You can also get worms at Walmart and Meijers, both are on Tiffin Ave. East side of town, or the other Walmart on the west side, right off I-75 (Exit 159) and US 224.


----------



## glacier_dropsy

Thanks for the info. I shop Walmart when I can't find a better alternative, but if there is a small business owner in town, I will try to spend my dollar there, thanks again for the map and phone number.


----------



## mlearned

Just got back from the reservoir yesterday.
I didn't catch much of anything, but Man o Man. If you know what you're doing out there...
I saw a husband and wife team fill a basket with crappie. 
Another guy about 20 feet away ended up catching a couple catfish (don't think they were flatheads, but still really new at this). Said they were too small for them to keep, and gave 'em to the crappie couple (no pun intended).
Then he pulled in what looked like a 8 lb carp!
I gotta get my act together...
Guess I'm taking my inlaws on the Maumee this weekend. Hopefully I can line up a decent day and catching more than 1 or two bluegill!!


----------



## glacier_dropsy

Had slightly more luck today, and saw something strange in the process. 

I started off around 2PM on the south side of #1 with my fly rod. The surface bite was dead, but I had fun catching some small sunfish on small olive wooly buggers.
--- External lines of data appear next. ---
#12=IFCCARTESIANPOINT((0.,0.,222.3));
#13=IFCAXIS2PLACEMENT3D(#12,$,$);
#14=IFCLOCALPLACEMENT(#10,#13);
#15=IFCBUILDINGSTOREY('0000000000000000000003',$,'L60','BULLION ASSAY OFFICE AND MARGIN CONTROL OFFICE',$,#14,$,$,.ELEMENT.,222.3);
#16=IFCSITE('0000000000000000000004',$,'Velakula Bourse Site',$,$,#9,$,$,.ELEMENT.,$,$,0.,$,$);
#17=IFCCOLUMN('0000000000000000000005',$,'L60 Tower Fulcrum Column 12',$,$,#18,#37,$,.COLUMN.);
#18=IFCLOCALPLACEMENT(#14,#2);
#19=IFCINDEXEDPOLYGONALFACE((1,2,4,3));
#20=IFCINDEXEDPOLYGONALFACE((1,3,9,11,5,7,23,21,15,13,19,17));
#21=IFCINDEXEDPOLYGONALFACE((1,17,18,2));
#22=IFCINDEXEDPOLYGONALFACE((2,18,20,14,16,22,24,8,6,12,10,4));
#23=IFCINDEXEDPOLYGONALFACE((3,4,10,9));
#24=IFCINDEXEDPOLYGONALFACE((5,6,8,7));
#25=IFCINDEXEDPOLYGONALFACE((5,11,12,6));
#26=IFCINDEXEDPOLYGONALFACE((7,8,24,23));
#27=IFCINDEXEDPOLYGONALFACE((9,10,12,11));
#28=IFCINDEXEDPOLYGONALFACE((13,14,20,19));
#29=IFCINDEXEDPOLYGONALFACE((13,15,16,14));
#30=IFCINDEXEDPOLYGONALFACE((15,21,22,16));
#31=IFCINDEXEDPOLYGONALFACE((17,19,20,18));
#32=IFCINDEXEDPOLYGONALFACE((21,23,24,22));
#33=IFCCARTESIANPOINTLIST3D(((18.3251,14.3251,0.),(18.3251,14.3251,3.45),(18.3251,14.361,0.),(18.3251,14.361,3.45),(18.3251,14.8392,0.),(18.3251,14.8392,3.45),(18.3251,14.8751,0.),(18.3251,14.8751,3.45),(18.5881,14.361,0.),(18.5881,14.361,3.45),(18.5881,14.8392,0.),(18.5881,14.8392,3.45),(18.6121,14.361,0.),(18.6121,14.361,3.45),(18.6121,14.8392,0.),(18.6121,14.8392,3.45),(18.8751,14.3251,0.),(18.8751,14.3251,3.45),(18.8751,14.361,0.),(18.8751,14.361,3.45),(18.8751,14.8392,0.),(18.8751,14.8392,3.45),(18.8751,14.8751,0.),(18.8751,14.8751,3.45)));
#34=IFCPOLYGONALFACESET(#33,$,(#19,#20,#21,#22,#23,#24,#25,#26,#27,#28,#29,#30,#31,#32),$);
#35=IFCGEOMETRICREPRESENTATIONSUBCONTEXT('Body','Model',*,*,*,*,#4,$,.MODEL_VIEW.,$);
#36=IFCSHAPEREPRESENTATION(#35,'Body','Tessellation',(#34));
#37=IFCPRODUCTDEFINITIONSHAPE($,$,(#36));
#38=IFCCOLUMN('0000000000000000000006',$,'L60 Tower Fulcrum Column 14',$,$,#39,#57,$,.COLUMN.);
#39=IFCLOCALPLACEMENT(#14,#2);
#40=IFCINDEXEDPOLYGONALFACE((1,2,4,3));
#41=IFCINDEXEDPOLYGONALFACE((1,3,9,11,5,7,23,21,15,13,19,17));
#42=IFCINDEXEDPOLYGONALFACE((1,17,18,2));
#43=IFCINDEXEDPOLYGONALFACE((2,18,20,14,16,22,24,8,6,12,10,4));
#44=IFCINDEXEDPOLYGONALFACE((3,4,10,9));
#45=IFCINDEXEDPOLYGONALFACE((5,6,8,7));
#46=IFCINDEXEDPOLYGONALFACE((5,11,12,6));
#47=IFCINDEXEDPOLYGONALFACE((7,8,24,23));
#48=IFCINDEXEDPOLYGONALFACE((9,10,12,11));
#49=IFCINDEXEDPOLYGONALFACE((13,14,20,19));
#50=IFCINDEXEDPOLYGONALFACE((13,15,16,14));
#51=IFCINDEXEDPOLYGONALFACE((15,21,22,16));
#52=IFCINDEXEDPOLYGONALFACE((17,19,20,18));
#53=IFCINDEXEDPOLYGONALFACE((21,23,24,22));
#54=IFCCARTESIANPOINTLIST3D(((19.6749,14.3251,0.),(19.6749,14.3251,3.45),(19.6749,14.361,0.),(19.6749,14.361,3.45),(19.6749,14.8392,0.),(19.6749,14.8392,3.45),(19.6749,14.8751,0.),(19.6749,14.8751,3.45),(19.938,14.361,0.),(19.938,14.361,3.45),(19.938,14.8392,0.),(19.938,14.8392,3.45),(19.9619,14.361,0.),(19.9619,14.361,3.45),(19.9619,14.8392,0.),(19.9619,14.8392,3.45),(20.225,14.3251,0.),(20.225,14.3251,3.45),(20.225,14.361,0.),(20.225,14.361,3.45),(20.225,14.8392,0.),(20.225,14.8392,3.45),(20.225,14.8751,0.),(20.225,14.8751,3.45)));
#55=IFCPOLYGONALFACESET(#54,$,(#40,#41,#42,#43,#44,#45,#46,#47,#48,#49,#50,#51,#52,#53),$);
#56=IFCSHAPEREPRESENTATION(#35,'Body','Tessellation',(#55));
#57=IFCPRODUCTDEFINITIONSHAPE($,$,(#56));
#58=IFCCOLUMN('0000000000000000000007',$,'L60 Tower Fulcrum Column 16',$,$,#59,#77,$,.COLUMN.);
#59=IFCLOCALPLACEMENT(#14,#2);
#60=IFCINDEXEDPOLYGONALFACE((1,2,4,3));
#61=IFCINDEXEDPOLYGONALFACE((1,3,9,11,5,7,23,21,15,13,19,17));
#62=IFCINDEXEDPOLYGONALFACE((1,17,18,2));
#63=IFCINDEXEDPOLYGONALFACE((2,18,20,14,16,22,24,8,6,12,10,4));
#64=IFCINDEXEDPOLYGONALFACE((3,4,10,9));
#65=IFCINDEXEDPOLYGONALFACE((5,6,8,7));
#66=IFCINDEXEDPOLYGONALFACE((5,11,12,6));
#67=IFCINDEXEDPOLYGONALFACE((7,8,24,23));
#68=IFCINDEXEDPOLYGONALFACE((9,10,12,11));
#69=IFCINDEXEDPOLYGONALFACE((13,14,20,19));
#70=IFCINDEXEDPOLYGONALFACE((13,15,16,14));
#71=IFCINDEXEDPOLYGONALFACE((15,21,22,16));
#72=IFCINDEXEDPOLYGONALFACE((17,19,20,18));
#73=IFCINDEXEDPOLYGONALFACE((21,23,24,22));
I moved over to the N side of #2 and switched over to spin casting. I caught a few bait sized sunfish by casting crappie jigs. I decided it was time for some real fishing, and tied on a jointed shad rap. I managed to catch my PB white bass, maybe 15 inches or so. Here's the weird part, when I was pulling it in, their were two NICE largemouth just following it in. I would guess the larger of the two was around 20 inches. They followed it right up to my feet, and never got spooked. After I released the WB, I spotted them a few more times in about 8ft of water, just cruising, couldnt get them to bite on the crank though. I've never seen bass do that before. I also saw 2 average smallmouth in 4-6 FOW, both of those spooked before I could cast to them.


----------



## ress

Heard good reports of W/B and S/M being caught at dusk on #1. 1/16th to 1/8th oz tube jig and small crank baits. All were taken from shore along the South East side.


----------



## dirtydawg75

My buddy and i had some decent luck the past few times out, stringer full of perch and some really big cats in res 2. No walleye unfortunately but we hadn't had much luck with those this year. A few of the cats were pretty big but here's the two biggest so far this year, both 29 in. Helluva lot of fun gettin those puppies in!


----------



## bignosdaddy

I have been fishing off of the shoreline at night at the Res.2 from 9pm--1am on Friday and Sat for the past 2 weekends using Leeches, Worms, Minnows and only caught 2 walleye and 3 perch  I have no idea what is going on out there!!! I will say one thing though that I have never seen in my life. If you go out there between those times and go around the boat lauch you will see atleast 2 dozen or more Carp and they are atleast 30" or more!! It is a site to see let me tell ya.


----------



## ress

Welcome Bignosdaddy to OGF! If your limitted to fishing that time of the day,or night, thats not a bad catch rate. I might offer a little advise though, move around. Walleye at night are tough to catch from shore. Perch don't bite at night out there. cats will bite about anytime, so your not doing all that bad.


----------



## leovpin

I hit the Res last night from 10:30 to around 2:00. Lots of nibbles, no takers. We were targeting cats with shrimp on the bottom. The guys next to us had a fish pull on their rods in, he sat it down for a second and flying it went. The fish managed to drag it for a while but he was able to retrieve it. I might try again on Friday night.


----------



## catfish catchers

leovpin said:


> I hit the Res last night from 10:30 to around 2:00. Lots of nibbles, no takers. We were targeting cats with shrimp on the bottom. The guys next to us had a fish pull on their rods in, he sat it down for a second and flying it went. The fish managed to drag it for a while but he was able to retrieve it. I might try again on Friday night.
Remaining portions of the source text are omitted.